There is a HUGE difference between what the churches do and what scientists do. It's not AT ALL interpretation of the data. It's independent, corroborative research that points in one direction. How do you suggest a scientist working in London would get the exact same result as a scientist working in Los Angeles in some random experiment? It's because they both look at the data that is given to them through the experiment and simply report it back to us as they see it. There is no interpretation involved. Sometimes they get it wrong and more data shows new evidence, that doesn't mean they interpreted it wrong, that means they didn't have all the pieces to the puzzle yet.


----------



## Mauihund (Oct 2, 2009)

PadawanBater said:


> That's absurd!
> 
> There is a HUGE difference between what the churches do and what scientists do.
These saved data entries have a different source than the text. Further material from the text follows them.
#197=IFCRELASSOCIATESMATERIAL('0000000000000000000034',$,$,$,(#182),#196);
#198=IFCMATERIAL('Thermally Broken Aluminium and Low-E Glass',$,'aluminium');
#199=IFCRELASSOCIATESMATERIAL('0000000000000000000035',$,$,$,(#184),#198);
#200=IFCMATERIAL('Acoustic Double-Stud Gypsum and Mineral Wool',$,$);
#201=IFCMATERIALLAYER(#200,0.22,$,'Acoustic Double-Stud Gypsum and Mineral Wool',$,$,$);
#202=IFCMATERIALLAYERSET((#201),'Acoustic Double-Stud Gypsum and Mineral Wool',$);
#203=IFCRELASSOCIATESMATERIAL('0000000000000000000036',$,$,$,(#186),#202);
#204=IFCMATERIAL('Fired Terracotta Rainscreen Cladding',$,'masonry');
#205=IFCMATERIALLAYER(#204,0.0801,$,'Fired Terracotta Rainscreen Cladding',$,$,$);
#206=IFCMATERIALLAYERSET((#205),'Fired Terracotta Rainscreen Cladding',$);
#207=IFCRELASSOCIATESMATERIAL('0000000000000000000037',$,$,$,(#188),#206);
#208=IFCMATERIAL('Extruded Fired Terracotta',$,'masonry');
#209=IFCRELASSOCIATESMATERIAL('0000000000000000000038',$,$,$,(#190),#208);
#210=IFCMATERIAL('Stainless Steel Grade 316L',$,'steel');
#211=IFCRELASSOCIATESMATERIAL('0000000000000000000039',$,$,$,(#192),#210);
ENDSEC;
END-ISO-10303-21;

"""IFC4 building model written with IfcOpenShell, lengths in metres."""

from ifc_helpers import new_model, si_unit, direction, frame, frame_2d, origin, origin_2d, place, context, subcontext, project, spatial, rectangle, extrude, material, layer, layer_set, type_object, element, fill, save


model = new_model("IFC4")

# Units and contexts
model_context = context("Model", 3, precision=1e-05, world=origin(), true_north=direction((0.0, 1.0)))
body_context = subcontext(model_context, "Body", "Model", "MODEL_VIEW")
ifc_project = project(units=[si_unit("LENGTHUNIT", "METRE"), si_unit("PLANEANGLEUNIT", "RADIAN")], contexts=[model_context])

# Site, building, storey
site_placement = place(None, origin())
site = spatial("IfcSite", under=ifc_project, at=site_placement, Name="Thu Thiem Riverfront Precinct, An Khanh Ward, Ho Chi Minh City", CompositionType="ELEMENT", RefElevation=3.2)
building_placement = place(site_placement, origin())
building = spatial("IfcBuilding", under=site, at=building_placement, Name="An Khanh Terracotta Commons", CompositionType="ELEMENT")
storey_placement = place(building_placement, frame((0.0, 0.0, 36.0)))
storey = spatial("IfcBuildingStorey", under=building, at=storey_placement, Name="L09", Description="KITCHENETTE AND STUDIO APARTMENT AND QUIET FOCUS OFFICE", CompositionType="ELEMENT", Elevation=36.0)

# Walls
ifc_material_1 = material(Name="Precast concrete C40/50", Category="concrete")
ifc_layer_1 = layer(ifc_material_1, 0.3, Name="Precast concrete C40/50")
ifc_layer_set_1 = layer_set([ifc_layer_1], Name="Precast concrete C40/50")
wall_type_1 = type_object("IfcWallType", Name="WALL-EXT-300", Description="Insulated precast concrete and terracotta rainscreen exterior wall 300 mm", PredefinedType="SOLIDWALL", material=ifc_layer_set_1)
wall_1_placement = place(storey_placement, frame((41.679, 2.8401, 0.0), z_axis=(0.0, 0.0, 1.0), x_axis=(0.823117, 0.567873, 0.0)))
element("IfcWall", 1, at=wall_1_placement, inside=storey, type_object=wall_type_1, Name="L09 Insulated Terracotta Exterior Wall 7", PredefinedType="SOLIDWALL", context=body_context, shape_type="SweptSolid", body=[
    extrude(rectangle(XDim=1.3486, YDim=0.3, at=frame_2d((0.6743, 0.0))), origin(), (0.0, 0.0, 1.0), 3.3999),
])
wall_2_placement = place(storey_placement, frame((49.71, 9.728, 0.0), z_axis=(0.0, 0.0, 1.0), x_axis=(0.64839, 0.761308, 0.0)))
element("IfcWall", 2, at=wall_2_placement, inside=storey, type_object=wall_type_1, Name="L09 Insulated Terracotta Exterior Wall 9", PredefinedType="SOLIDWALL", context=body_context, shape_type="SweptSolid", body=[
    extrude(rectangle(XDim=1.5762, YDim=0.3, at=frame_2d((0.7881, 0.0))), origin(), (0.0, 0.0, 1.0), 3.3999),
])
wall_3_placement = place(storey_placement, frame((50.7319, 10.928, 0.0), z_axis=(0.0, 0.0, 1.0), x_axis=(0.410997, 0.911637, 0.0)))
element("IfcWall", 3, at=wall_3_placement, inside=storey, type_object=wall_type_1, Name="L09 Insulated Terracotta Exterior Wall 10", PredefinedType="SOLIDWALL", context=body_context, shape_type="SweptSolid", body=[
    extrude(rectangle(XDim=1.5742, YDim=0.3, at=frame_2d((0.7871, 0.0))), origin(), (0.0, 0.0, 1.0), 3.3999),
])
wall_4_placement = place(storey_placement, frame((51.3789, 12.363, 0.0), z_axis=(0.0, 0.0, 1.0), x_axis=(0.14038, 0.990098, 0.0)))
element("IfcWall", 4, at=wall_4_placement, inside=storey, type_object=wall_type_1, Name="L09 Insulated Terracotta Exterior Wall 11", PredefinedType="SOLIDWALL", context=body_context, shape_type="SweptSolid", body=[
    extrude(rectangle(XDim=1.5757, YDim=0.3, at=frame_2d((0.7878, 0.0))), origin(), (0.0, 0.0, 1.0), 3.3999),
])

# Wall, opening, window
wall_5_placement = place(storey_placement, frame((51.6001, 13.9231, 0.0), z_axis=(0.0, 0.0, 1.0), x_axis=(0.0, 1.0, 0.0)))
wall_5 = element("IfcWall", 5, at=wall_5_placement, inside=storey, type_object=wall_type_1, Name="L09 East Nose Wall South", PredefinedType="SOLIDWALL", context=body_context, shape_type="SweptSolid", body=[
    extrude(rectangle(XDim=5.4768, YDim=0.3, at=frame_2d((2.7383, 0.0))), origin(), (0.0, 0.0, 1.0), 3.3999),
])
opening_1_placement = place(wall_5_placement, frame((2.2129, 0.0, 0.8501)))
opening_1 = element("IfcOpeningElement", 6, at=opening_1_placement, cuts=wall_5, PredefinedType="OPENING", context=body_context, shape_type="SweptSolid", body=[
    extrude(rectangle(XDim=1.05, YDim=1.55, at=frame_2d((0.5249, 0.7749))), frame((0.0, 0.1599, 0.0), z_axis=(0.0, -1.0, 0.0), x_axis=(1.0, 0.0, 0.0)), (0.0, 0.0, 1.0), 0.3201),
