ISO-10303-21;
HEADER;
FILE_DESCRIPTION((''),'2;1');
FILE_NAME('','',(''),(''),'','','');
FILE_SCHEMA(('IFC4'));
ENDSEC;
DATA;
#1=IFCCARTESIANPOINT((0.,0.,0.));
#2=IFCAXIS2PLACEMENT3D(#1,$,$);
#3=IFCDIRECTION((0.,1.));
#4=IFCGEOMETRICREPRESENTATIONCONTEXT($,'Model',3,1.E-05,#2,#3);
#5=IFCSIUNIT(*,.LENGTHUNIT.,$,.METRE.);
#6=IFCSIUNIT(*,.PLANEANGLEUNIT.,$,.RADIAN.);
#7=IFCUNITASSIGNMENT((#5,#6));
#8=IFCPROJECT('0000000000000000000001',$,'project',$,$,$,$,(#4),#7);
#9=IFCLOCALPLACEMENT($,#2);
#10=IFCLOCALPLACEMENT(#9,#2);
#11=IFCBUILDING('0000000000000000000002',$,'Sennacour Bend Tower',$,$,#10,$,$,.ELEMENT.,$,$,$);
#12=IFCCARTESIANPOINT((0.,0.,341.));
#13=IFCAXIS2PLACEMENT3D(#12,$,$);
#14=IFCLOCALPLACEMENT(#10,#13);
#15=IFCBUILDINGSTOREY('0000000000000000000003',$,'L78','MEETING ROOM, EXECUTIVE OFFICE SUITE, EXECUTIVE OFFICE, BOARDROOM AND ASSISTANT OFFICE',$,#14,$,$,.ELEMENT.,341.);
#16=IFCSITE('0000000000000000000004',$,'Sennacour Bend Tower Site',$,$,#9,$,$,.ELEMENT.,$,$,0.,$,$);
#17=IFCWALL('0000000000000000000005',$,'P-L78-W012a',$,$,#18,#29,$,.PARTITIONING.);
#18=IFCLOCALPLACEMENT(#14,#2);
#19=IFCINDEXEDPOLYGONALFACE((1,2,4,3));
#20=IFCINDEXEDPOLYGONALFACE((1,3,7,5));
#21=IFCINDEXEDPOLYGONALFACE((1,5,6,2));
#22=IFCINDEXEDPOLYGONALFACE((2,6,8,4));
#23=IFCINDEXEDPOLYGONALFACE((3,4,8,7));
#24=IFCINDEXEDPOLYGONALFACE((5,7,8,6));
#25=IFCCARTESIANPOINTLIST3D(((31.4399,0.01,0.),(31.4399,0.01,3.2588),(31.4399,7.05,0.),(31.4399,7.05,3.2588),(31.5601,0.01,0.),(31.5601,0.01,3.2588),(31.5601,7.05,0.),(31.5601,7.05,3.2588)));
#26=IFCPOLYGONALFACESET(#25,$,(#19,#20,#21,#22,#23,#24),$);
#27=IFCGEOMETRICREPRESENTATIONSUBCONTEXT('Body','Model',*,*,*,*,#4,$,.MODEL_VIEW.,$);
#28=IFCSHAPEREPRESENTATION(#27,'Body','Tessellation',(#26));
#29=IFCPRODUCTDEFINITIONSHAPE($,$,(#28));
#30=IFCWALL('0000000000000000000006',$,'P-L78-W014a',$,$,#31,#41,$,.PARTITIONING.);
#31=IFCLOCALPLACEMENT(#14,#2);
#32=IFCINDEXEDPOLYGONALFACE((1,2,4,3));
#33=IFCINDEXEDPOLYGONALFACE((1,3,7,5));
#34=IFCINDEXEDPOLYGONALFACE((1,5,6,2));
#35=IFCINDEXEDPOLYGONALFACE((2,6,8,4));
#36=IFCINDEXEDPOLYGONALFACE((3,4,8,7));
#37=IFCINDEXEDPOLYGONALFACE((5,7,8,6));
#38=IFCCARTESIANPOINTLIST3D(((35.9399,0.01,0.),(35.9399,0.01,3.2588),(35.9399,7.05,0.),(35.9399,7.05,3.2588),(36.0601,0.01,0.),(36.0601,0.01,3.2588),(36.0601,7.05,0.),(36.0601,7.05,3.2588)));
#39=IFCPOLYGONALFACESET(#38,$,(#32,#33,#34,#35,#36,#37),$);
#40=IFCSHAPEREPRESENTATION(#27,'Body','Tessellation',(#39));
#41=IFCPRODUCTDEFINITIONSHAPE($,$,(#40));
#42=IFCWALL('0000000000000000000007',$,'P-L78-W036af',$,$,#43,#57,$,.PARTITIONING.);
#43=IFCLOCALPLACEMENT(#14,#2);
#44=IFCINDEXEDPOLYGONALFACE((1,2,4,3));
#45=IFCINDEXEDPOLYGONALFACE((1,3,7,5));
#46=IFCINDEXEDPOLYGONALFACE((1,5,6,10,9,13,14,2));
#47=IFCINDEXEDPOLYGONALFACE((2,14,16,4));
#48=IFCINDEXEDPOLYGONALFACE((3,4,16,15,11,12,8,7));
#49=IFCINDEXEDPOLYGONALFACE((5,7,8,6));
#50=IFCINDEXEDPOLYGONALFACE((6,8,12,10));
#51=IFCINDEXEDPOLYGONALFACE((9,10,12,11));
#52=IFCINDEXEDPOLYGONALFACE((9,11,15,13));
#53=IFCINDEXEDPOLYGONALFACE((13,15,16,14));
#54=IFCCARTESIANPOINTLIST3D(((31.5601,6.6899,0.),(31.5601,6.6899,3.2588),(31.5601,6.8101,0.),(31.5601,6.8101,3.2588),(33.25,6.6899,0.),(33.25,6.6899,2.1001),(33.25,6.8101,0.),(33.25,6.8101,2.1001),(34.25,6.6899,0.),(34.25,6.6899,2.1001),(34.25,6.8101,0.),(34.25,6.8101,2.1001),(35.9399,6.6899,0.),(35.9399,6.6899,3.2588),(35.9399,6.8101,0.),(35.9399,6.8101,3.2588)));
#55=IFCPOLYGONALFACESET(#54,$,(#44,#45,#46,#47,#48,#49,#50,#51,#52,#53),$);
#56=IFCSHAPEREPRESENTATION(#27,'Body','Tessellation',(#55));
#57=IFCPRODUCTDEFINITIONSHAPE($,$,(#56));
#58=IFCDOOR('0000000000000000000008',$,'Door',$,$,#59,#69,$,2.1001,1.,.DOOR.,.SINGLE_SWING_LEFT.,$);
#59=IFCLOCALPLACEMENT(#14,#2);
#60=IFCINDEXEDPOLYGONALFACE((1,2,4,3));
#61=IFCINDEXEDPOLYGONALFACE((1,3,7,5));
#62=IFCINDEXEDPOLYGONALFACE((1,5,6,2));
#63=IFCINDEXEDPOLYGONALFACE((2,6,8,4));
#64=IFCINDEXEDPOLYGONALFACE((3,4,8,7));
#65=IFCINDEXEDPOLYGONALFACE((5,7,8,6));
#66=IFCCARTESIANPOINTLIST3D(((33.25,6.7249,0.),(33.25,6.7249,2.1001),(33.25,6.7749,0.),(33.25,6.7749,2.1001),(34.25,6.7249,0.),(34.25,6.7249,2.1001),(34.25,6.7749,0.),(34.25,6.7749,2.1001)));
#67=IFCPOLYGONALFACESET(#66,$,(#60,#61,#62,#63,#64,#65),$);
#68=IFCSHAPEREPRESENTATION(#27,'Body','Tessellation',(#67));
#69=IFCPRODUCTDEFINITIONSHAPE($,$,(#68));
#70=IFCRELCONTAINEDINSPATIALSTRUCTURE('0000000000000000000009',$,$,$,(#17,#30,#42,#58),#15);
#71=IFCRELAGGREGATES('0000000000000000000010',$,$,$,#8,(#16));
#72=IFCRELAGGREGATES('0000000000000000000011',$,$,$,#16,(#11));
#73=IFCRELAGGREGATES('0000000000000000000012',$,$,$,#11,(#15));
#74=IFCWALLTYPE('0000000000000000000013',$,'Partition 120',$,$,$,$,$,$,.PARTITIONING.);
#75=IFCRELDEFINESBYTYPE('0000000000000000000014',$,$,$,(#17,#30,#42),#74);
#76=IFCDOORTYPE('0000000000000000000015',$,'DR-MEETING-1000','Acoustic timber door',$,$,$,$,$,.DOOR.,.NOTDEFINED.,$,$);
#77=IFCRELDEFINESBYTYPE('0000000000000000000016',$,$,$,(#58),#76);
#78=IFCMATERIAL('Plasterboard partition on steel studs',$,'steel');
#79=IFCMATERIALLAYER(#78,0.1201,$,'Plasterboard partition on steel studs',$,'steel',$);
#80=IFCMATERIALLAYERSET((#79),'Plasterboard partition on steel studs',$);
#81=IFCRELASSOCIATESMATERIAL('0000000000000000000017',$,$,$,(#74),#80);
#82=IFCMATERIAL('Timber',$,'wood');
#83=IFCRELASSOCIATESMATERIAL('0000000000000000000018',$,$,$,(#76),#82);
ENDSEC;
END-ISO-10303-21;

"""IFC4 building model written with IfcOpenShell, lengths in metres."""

from ifc_helpers import new_model, si_unit, direction, frame, frame_2d, origin, place, context, subcontext, project, spatial, rectangle, extrude, material, layer, layer_set, type_object, element, fill, save


model = new_model("IFC4")

# Units and contexts
model_context = context("Model", 3, precision=1e-05, world=origin(), true_north=direction((0.0, 1.0)))
body_context = subcontext(model_context, "Body", "Model", "MODEL_VIEW")
ifc_project = project(units=[si_unit("LENGTHUNIT", "METRE"), si_unit("PLANEANGLEUNIT", "RADIAN")], contexts=[model_context])

# Site, building, storey
site_placement = place(None, origin())
site = spatial("IfcSite", under=ifc_project, at=site_placement, Name="Sennacour Bend Tower Site", CompositionType="ELEMENT", RefElevation=0.0)
building_placement = place(site_placement, origin())
building = spatial("IfcBuilding", under=site, at=building_placement, Name="Sennacour Bend Tower", CompositionType="ELEMENT")
storey_placement = place(building_placement, frame((0.0, 0.0, 341.0)))
storey = spatial("IfcBuildingStorey", under=building, at=storey_placement, Name="L78", Description="MEETING ROOM, EXECUTIVE OFFICE SUITE, EXECUTIVE OFFICE, BOARDROOM AND ASSISTANT OFFICE", CompositionType="ELEMENT", Elevation=341.0)

# Walls
ifc_material_1 = material(Name="Plasterboard partition on steel studs", Category="steel")
ifc_layer_1 = layer(ifc_material_1, 0.1201, Name="Plasterboard partition on steel studs", Category="steel")
ifc_layer_set_1 = layer_set([ifc_layer_1], Name="Plasterboard partition on steel studs")
wall_type = type_object("IfcWallType", Name="Partition 120", PredefinedType="PARTITIONING", material=ifc_layer_set_1)
for number, where, z_axis, x_axis, name in (
    (1, (31.5, 0.01, 0.0), (0.0, 0.0, 1.0), (0.0, 1.0, 0.0), "P-L78-W012a"),
    (2, (36.0, 0.01, 0.0), (0.0, 0.0, 1.0), (0.0, 1.0, 0.0), "P-L78-W014a"),
):
    element("IfcWall", number, at=place(storey_placement, frame(where, z_axis=z_axis, x_axis=x_axis)), inside=storey, type_object=wall_type, Name=name, PredefinedType="PARTITIONING", context=body_context, shape_type="SweptSolid", body=[
        extrude(rectangle(XDim=7.04, YDim=0.1201, at=frame_2d((3.52, 0.0))), origin(), (0.0, 0.0, 1.0), 3.2588),
    ])

# Wall, opening, door
wall_placement = place(storey_placement, frame((31.5601, 6.75, 0.0), z_axis=(0.0, 0.0, 1.0), x_axis=(1.0, 0.0, 0.0)))
wall = element("IfcWall", 3, at=wall_placement, inside=storey, type_object=wall_type, Name="P-L78-W036af", PredefinedType="PARTITIONING", context=body_context, shape_type="SweptSolid", body=[
    extrude(rectangle(XDim=4.3799, YDim=0.1201, at=frame_2d((2.1899, 0.0))), origin(), (0.0, 0.0, 1.0), 3.2588),
])
opening_placement = place(wall_placement, frame((1.6899, 0.0, 0.0)))
opening = element("IfcOpeningElement", 4, at=opening_placement, cuts=wall, PredefinedType="OPENING", context=body_context, shape_type="SweptSolid", body=[
    extrude(rectangle(XDim=1.0, YDim=2.1001, at=frame_2d((0.5, 1.05))), frame((0.0, 0.0701, 0.0), z_axis=(0.0, -1.0, 0.0), x_axis=(1.0, 0.0, 0.0)), (0.0, 0.0, 1.0), 0.1401),
])
ifc_material_2 = material(Name="Timber", Category="wood")
door_type = type_object("IfcDoorType", Name="DR-MEETING-1000", Description="Acoustic timber door", OperationType="NOTDEFINED", PredefinedType="DOOR", material=ifc_material_2)
door_placement = place(opening_placement, origin())
door = element("IfcDoor", 5, at=door_placement, inside=storey, type_object=door_type, Name="Door", OperationType="SINGLE_SWING_LEFT", OverallHeight=2.1001, OverallWidth=1.0, PredefinedType="DOOR", context=body_context, shape_type="SweptSolid", body=[
    extrude(rectangle(XDim=1.0, YDim=2.1001, at=frame_2d((0.5, 1.05))), frame((0.0, 0.0249, 0.0), z_axis=(0.0, -1.0, 0.0), x_axis=(1.0, 0.0, 0.0)), (0.0, 0.0, 1.0), 0.05),
])
fill(opening, door)

save(model, "model.ifc")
How do you suggest a scientist working in London would get the exact same result as a scientist working in Los Angeles in some random experiment? It's because they both look at the data that is given to them through the experiment and simply report it back to us as they see it. There is no interpretation involved. Sometimes they get it wrong and more data shows new evidence, that doesn't mean they interpreted it wrong, that means they didn't have all the pieces to the puzzle yet.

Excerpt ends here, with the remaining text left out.